I hear this idea thrown around quite a bit — especially within Christian circles — and believe me, I get it. We have a lot to be thankful for in the Untied States. Our wealth, opportunity and social mobility save us from hunger, starvation and extreme poverty. Many Americans can afford nice homes. Many have access to a quality education and world-class healthcare. We are not plagued with diseases like malaria, tuberculosis and HIV/AIDS ravaging people all over the world.
While this is not true for everyone in the United States, when compared to the rest of the world, we are wealthy beyond measure and this provides us with a great deal of comfort and opportunity.
Americans should feel some gratitude. Thank God my entire family is healthy. None of us are malnourished. None have life-threatening diseases. Praise God that none have been trafficked into slavery. Should all of this translate into authentic expressions of gratitude? Yes. Does this mean that we are blessed? Maybe… but not so fast.
While I hear “blessing” thrown around to describe the good things in our lives, I struggle to pinpoint what this word actually means. What did God mean when he told Abraham that he would bless him, and that he would be a blessing to the nations? Did this imply wealth, security, comfort or good health? If this is truly what God was referring to, as many Christians in the United States seem to believe, it raises a couple of serious questions:
1) Does God’s blessing ever come at the expense of others?

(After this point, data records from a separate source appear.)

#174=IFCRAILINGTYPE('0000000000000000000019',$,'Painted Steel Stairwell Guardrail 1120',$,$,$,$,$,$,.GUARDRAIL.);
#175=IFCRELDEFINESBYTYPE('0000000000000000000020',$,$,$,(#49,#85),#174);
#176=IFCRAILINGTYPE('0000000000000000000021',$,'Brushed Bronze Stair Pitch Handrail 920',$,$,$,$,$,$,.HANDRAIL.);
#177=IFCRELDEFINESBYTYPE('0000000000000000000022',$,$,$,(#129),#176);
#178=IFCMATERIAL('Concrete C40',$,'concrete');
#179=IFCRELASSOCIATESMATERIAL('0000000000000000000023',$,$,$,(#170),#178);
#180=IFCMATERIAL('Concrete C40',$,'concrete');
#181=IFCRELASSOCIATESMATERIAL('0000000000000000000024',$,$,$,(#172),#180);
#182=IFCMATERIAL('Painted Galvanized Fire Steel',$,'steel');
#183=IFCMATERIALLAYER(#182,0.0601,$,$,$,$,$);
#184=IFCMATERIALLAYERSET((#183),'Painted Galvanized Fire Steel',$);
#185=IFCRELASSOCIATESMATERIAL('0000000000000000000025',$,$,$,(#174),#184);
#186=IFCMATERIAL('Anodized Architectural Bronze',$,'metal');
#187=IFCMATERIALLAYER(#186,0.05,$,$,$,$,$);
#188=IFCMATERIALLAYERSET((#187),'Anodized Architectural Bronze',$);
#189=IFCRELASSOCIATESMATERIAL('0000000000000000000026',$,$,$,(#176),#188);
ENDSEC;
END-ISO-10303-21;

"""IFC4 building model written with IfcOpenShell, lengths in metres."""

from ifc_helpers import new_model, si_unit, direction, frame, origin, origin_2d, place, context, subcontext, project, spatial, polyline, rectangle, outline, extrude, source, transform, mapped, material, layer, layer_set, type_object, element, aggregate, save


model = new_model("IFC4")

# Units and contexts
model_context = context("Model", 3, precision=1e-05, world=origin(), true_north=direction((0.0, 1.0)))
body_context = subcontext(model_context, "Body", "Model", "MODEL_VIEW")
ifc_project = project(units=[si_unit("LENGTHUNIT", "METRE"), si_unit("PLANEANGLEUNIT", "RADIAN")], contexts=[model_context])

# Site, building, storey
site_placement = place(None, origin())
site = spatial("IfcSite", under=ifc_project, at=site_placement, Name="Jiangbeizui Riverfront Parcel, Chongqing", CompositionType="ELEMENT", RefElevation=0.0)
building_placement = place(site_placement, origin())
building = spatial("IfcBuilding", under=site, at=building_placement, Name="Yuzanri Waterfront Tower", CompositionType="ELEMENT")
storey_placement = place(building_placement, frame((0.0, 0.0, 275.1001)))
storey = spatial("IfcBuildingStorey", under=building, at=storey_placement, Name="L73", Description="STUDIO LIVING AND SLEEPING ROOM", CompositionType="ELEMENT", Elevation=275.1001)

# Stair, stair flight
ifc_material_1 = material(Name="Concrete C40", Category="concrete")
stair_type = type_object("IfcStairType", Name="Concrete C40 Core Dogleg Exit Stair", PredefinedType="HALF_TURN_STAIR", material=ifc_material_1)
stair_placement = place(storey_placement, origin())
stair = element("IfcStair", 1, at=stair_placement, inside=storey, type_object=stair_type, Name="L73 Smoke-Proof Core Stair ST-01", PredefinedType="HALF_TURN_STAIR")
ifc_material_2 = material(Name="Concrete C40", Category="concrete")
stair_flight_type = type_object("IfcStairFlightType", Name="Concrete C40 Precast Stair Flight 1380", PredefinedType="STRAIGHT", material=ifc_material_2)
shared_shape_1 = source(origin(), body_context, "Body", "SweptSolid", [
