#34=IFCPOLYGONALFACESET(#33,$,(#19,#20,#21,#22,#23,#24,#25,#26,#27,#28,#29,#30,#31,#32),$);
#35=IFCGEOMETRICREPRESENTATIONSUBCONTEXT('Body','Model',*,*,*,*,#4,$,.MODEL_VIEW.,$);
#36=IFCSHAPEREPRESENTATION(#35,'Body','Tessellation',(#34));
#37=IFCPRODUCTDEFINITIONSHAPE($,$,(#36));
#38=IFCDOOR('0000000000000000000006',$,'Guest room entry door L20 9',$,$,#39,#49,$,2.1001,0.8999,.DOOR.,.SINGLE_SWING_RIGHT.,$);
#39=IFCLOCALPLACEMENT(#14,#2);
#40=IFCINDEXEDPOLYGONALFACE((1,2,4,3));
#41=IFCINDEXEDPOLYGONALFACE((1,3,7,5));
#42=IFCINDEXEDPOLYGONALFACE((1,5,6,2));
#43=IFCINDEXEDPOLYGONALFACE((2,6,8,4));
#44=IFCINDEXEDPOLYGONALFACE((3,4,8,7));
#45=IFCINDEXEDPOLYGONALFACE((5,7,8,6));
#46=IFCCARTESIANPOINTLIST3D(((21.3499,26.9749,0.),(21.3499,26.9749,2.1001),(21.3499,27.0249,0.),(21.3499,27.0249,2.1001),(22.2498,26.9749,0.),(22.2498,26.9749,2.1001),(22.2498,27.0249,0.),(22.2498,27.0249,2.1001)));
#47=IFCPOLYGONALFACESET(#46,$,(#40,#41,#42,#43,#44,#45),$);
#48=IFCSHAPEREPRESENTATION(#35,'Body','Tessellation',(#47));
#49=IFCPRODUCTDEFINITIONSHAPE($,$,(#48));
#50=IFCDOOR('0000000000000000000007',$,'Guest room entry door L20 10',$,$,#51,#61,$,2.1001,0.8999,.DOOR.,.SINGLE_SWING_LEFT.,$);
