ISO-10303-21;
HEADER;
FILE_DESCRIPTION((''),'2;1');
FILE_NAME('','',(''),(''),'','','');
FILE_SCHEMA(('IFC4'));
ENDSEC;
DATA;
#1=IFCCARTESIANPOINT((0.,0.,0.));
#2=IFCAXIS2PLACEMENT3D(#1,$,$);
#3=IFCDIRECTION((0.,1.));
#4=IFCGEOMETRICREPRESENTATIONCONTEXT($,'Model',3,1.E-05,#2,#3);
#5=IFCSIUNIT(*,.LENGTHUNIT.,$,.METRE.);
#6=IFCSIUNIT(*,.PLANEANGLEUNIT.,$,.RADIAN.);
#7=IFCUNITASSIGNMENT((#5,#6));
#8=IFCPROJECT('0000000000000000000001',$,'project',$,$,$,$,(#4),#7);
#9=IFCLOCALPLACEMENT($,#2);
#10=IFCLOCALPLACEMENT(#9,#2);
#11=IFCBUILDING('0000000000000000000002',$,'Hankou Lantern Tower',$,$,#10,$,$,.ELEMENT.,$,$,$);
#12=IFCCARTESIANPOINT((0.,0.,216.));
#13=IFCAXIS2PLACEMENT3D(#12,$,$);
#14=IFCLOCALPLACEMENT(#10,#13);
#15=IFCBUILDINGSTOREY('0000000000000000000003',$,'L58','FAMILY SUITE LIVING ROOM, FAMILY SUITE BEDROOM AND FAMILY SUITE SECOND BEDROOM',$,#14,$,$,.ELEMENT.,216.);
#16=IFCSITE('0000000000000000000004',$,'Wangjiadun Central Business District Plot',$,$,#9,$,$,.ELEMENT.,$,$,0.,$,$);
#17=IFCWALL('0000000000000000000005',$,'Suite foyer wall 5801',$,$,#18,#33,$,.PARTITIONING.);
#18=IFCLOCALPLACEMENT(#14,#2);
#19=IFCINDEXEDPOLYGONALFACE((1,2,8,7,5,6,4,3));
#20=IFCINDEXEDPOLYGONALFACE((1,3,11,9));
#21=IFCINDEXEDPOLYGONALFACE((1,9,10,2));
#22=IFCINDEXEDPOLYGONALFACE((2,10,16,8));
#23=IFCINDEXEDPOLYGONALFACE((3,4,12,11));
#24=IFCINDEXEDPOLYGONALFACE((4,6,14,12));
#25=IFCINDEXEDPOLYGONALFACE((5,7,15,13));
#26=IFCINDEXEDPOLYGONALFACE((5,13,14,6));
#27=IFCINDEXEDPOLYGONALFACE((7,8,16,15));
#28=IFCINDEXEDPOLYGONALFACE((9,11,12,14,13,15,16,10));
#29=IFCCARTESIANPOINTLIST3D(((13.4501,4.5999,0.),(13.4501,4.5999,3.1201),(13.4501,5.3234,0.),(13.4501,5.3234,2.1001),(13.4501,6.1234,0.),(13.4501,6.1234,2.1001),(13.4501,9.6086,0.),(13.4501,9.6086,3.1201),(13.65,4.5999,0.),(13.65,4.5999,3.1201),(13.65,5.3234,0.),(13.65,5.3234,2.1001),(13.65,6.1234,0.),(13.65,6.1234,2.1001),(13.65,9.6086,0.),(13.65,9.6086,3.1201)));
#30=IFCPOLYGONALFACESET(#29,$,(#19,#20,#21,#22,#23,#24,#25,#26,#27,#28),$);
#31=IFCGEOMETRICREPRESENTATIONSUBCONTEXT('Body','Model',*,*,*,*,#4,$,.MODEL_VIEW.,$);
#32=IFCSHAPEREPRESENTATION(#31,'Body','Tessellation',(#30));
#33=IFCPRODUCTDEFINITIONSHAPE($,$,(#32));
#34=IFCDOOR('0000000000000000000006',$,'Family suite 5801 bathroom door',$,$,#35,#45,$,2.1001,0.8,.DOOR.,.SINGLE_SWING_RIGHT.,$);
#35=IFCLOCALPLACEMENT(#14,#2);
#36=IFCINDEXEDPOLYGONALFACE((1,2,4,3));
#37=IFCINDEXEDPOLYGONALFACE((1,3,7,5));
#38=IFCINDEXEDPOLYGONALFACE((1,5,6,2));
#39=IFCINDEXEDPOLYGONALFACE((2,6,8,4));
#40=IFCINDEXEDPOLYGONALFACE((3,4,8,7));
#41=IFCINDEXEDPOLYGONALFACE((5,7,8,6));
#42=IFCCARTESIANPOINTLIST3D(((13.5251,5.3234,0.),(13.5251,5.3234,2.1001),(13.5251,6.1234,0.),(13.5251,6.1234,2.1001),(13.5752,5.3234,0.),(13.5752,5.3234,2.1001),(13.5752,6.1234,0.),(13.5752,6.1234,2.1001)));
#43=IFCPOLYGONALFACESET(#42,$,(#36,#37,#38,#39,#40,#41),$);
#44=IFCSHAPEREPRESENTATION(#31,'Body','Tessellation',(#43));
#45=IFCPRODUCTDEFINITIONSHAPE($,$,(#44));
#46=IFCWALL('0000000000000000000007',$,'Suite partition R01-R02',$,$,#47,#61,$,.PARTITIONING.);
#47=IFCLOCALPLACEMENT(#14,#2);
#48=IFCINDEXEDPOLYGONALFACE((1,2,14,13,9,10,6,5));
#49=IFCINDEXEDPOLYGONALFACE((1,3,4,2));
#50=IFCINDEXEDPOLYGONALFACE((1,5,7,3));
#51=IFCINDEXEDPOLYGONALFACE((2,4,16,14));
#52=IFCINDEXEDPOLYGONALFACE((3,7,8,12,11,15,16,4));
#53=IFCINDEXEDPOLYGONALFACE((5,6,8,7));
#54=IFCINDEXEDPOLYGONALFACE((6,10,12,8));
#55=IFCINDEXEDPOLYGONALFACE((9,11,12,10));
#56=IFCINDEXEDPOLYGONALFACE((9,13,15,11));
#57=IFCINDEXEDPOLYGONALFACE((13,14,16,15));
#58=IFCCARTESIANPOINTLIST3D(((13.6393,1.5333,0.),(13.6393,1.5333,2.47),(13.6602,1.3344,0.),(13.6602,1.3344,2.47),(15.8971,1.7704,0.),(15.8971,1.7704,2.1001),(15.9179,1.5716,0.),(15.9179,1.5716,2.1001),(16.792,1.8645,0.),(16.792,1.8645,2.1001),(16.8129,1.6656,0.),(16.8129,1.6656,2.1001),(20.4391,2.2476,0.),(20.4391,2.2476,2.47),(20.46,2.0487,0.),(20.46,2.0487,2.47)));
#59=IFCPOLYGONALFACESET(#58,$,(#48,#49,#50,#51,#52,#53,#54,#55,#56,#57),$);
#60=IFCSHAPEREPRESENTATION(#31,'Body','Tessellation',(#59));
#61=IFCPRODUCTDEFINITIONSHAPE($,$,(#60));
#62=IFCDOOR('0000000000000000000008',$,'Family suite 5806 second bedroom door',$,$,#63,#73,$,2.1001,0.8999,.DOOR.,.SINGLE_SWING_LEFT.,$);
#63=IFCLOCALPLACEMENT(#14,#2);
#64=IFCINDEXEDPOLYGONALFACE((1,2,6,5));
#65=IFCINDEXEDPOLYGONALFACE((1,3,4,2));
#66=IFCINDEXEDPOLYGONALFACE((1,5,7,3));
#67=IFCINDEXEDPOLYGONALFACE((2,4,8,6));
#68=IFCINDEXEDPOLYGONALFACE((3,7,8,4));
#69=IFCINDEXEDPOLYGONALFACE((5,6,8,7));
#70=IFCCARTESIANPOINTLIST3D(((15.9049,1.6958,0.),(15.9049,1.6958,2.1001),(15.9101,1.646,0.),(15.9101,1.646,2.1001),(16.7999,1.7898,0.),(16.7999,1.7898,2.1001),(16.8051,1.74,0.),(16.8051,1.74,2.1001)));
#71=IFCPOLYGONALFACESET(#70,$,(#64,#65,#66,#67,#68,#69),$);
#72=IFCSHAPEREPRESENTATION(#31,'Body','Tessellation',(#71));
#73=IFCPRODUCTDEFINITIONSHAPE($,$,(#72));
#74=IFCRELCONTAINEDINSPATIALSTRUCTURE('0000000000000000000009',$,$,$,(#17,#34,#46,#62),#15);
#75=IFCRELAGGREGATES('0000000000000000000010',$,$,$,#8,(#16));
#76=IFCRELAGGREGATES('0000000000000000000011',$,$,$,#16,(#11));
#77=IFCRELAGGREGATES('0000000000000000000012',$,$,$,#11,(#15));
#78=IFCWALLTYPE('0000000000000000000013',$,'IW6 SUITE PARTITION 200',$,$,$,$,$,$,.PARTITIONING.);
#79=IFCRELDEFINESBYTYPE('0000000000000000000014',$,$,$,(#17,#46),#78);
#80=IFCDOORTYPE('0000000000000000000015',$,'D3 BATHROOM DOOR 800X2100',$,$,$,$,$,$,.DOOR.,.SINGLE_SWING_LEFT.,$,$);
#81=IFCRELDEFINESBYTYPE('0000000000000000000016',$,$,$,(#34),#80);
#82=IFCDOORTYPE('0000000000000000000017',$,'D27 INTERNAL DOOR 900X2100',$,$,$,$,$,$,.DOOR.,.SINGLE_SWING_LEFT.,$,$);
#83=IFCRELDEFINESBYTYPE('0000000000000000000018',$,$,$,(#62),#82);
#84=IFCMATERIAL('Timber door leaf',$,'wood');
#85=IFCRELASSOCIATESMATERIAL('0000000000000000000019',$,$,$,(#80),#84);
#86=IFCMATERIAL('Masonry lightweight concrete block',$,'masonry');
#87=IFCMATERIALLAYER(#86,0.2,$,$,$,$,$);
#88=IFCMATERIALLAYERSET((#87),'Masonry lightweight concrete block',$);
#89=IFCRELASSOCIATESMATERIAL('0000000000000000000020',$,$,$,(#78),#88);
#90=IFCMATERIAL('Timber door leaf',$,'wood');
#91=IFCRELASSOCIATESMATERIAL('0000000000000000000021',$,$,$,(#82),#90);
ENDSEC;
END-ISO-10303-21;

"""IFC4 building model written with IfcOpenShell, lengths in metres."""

from ifc_helpers import new_model, si_unit, direction, frame, frame_2d, origin, place, context, subcontext, project, spatial, rectangle, extrude, material, layer, layer_set, type_object, element, fill, save


model = new_model("IFC4")

# Units and contexts
model_context = context("Model", 3, precision=1e-05, world=origin(), true_north=direction((0.0, 1.0)))
body_context = subcontext(model_context, "Body", "Model", "MODEL_VIEW")
ifc_project = project(units=[si_unit("LENGTHUNIT", "METRE"), si_unit("PLANEANGLEUNIT", "RADIAN")], contexts=[model_context])

# Site, building, storey
site_placement = place(None, origin())
site = spatial("IfcSite", under=ifc_project, at=site_placement, Name="Wangjiadun Central Business District Plot", CompositionType="ELEMENT", RefElevation=0.0)
building_placement = place(site_placement, origin())
building = spatial("IfcBuilding", under=site, at=building_placement, Name="Hankou Lantern Tower", CompositionType="ELEMENT")
storey_placement = place(building_placement, frame((0.0, 0.0, 216.0)))
storey = spatial("IfcBuildingStorey", under=building, at=storey_placement, Name="L58", Description="FAMILY SUITE LIVING ROOM, FAMILY SUITE BEDROOM AND FAMILY SUITE SECOND BEDROOM", CompositionType="ELEMENT", Elevation=216.0)

# Shared definitions
ifc_material_1 = material(Name="Timber door leaf", Category="wood")
door_type_1 = type_object("IfcDoorType", Name="D3 BATHROOM DOOR 800X2100", OperationType="SINGLE_SWING_LEFT", PredefinedType="DOOR", material=ifc_material_1)

# Walls, openings, doors
ifc_material_2 = material(Name="Masonry lightweight concrete block", Category="masonry")
ifc_layer_1 = layer(ifc_material_2, 0.2)
ifc_layer_set_1 = layer_set([ifc_layer_1], Name="Masonry lightweight concrete block")
wall_type_1 = type_object("IfcWallType", Name="IW6 SUITE PARTITION 200", PredefinedType="PARTITIONING", material=ifc_layer_set_1)
wall_1_placement = place(storey_placement, frame((13.55, 4.5999, 0.0), z_axis=(0.0, 0.0, 1.0), x_axis=(0.0, 1.0, 0.0)))
wall_1 = element("IfcWall", 1, at=wall_1_placement, inside=storey, type_object=wall_type_1, Name="Suite foyer wall 5801", PredefinedType="PARTITIONING", context=body_context, shape_type="SweptSolid", body=[
    extrude(rectangle(XDim=5.0088, YDim=0.2, at=frame_2d((2.5044, 0.0))), origin(), (0.0, 0.0, 1.0), 3.1201),
])
opening_1_placement = place(wall_1_placement, frame((0.7236, 0.0, 0.0)))
opening_1 = element("IfcOpeningElement", 2, at=opening_1_placement, cuts=wall_1, PredefinedType="OPENING", context=body_context, shape_type="SweptSolid", body=[
    extrude(rectangle(XDim=0.8, YDim=2.1001, at=frame_2d((0.3999, 1.05))), frame((0.0, 0.1099, 0.0), z_axis=(0.0, -1.0, 0.0), x_axis=(1.0, 0.0, 0.0)), (0.0, 0.0, 1.0), 0.22),
])
door_1_placement = place(opening_1_placement, origin())
door_1 = element("IfcDoor", 3, at=door_1_placement, inside=storey, type_object=door_type_1, Name="Family suite 5801 bathroom door", OperationType="SINGLE_SWING_RIGHT", OverallHeight=2.1001, OverallWidth=0.8, PredefinedType="DOOR", context=body_context, shape_type="SweptSolid", body=[
    extrude(rectangle(XDim=0.8, YDim=2.1001, at=frame_2d((0.3999, 1.05))), frame((0.0, 0.0249, 0.0), z_axis=(0.0, -1.0, 0.0), x_axis=(1.0, 0.0, 0.0)), (0.0, 0.0, 1.0), 0.05),
])
fill(opening_1, door_1)
wall_2_placement = place(storey_placement, frame((13.6499, 1.4338, 0.0), z_axis=(0.0, 0.0, 1.0), x_axis=(0.994527, 0.10448, 0.0)))
wall_2 = element("IfcWall", 4, at=wall_2_placement, inside=storey, type_object=wall_type_1, Name="Suite partition R01-R02", PredefinedType="PARTITIONING", context=body_context, shape_type="SweptSolid", body=[
    extrude(rectangle(XDim=6.8372, YDim=0.2, at=frame_2d((3.4185, 0.0))), origin(), (0.0, 0.0, 1.0), 2.47),
])
opening_2_placement = place(wall_2_placement, frame((2.27, 0.0, 0.0)))
opening_2 = element("IfcOpeningElement", 5, at=opening_2_placement, cuts=wall_2, PredefinedType="OPENING", context=body_context, shape_type="SweptSolid", body=[
    extrude(rectangle(XDim=0.8999, YDim=2.1001, at=frame_2d((0.45, 1.05))), frame((0.0, 0.1099, 0.0), z_axis=(0.0, -1.0, 0.0), x_axis=(1.0, 0.0, 0.0)), (0.0, 0.0, 1.0), 0.22),
])
ifc_material_3 = material(Name="Timber door leaf", Category="wood")
door_type_2 = type_object("IfcDoorType", Name="D27 INTERNAL DOOR 900X2100", OperationType="SINGLE_SWING_LEFT", PredefinedType="DOOR", material=ifc_material_3)
door_2_placement = place(opening_2_placement, origin())
door_2 = element("IfcDoor", 6, at=door_2_placement, inside=storey, type_object=door_type_2, Name="Family suite 5806 second bedroom door", OperationType="SINGLE_SWING_LEFT", OverallHeight=2.1001, OverallWidth=0.8999, PredefinedType="DOOR", context=body_context, shape_type="SweptSolid", body=[
    extrude(rectangle(XDim=0.8999, YDim=2.1001, at=frame_2d((0.45, 1.05))), frame((0.0, 0.0249, 0.0), z_axis=(0.0, -1.0, 0.0), x_axis=(1.0, 0.0, 0.0)), (0.0, 0.0, 1.0), 0.05),
])
fill(opening_2, door_2)

save(model, "model.ifc")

I have benefitted from many amazing opportunities. I have studied in Egypt, lived in Nepal, backpacked in sub-Saharan Africa. I attended college. I have never known hunger. I work for an organization that values me.

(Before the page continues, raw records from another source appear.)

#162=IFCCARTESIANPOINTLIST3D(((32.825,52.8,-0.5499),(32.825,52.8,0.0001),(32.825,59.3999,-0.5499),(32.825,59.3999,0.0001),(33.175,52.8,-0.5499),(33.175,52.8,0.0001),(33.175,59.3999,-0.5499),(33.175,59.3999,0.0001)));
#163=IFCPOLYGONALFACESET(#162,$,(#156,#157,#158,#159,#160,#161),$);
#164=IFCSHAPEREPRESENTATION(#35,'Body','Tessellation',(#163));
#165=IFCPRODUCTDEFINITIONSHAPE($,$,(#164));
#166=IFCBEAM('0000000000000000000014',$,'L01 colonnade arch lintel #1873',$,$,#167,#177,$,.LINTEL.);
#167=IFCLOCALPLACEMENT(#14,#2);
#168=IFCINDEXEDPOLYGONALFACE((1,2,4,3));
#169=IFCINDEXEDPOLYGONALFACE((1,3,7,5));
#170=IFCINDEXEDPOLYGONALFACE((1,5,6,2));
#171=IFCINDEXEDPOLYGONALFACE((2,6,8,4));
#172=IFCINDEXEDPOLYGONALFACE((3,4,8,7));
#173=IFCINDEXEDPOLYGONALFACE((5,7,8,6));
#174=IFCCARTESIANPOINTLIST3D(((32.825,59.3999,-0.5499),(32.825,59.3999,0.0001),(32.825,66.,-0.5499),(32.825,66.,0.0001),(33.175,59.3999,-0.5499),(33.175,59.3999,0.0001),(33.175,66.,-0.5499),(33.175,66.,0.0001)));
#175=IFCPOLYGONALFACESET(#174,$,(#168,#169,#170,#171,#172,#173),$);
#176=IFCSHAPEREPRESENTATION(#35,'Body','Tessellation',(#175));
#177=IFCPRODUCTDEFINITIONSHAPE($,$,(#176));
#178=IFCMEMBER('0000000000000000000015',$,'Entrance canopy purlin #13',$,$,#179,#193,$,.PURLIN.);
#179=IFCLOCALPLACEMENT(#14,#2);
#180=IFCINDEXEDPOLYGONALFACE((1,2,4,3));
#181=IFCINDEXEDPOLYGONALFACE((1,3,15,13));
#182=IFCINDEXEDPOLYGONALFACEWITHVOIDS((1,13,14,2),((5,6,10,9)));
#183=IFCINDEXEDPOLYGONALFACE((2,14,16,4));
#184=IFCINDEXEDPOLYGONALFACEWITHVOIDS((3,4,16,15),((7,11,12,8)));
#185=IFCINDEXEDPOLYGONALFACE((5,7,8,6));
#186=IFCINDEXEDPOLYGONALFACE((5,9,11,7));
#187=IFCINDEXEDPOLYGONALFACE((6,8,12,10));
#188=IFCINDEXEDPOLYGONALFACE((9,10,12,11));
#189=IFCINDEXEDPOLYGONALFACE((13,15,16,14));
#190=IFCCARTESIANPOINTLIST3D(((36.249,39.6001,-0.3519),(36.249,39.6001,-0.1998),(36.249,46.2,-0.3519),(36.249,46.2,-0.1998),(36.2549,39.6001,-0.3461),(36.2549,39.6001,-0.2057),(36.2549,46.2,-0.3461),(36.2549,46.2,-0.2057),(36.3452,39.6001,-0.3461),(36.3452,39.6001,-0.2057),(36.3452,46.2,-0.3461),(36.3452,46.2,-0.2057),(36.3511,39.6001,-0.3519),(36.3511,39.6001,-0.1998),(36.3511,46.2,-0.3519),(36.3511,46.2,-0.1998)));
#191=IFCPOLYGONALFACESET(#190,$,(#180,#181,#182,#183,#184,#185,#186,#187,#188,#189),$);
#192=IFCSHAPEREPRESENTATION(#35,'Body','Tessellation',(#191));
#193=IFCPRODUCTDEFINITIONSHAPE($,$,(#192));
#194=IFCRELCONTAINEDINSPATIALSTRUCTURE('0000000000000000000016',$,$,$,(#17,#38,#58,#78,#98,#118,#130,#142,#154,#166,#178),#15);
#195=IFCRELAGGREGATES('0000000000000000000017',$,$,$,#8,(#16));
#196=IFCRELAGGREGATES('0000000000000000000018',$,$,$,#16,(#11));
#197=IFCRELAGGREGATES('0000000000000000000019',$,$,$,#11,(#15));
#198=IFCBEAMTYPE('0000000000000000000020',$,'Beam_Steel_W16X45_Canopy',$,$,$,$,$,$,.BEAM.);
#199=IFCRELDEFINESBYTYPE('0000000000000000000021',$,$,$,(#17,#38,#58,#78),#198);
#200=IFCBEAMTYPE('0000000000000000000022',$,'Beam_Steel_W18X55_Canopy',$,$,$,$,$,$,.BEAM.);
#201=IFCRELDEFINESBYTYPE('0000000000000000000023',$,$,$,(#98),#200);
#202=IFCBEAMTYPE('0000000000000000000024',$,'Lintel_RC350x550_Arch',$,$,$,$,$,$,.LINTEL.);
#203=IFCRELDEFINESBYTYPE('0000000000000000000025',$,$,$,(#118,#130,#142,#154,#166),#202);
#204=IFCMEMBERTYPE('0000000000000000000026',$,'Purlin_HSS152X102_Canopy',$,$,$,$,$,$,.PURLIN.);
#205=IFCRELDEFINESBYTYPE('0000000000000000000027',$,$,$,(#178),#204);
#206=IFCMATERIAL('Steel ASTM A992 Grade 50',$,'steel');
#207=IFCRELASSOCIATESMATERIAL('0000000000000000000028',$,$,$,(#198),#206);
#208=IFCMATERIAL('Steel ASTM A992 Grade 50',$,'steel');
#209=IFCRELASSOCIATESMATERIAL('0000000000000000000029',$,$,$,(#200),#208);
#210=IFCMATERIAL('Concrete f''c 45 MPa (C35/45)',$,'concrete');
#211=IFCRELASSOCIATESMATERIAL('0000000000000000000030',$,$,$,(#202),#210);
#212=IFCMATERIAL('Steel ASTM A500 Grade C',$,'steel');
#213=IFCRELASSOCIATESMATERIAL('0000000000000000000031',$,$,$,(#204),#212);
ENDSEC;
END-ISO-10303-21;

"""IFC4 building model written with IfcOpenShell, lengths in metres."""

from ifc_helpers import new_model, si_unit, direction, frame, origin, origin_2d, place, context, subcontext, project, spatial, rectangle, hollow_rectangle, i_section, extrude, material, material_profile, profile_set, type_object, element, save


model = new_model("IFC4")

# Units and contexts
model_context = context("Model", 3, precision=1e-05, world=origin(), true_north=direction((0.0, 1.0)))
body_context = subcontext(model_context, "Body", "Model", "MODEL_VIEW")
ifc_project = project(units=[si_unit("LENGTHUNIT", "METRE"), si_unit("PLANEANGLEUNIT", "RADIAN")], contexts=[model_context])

I am tempted, but really struggle, to call these opportunities “blessings”. Do I still call it a blessing when I can realize that my opportunities today probably would never have happened without the forced removal and even genocide Native Americans? Is my economic status truly blessed when my country’s economy was founded on the backs of African slaves? Can I authentically thank God for my possessions when many of our favorite consumer goods — iPhones, Victoria’s Secret lingerie, IKEA furniture — are tied to corporations taking advantage of poor people?
I am a white, American, Protestant male living in twenty-first century at a time when U.S. military might, economic strength and soft power — while declining — still borders on hegemonic. Is this the kind of blessing God aimed at when making promises to Abraham? It troubles me that I still don’t have a good answer for this question.
2) Do I really want God’s blessing?
For even asking this question I probably deserve a sharp rebuke from those who have experienced real hell in this world: women trafficked for sex, children forced into the army, mothers and fathers who have seen their children die of hunger. Experiencing the world at its worst is not what I have in mind when question the idea of God’s blessing. May God save us all from this brokenness. Expressing real gratitude for avoiding these experiences is still in order.
What I am concerned about is the impact of such “blessing” on our souls and our communities.
Throughout my travels I have found poor people – people who are not “blessed” in the eyes of the world — to be the most hospitable, faith-filled, community-focused people I have ever met. Those who know suffering are often, more content, more connected to God and more connected to one another.
Meanwhile, in the United States we suffer from overwhelming greed, loneliness, disconnection, and lack any sense of contentment. Is this really the kind of blessing we seek?
All of this leads me to a few somewhat disturbing conclusions:
Maybe we aren’t blessed as we think we are, even in the wealthiest nation on earth. Maybe true blessing does not come from unending escalation in GDP. And while we can forcefully say it is no blessing to be trafficked into slavery, maybe it is also not a blessing to be born in the U.S. Maybe true blessing is summed up in this proverb:
Keep falsehood and lies far from me;
give me neither poverty nor riches,
but give me only my daily bread.
Otherwise, I may have too much and disown you
and say, ‘Who is the LORD?’
Or I may become poor and steal,
and so dishonor the name of my God.
(Proverbs 30:8-9, NIV 2010)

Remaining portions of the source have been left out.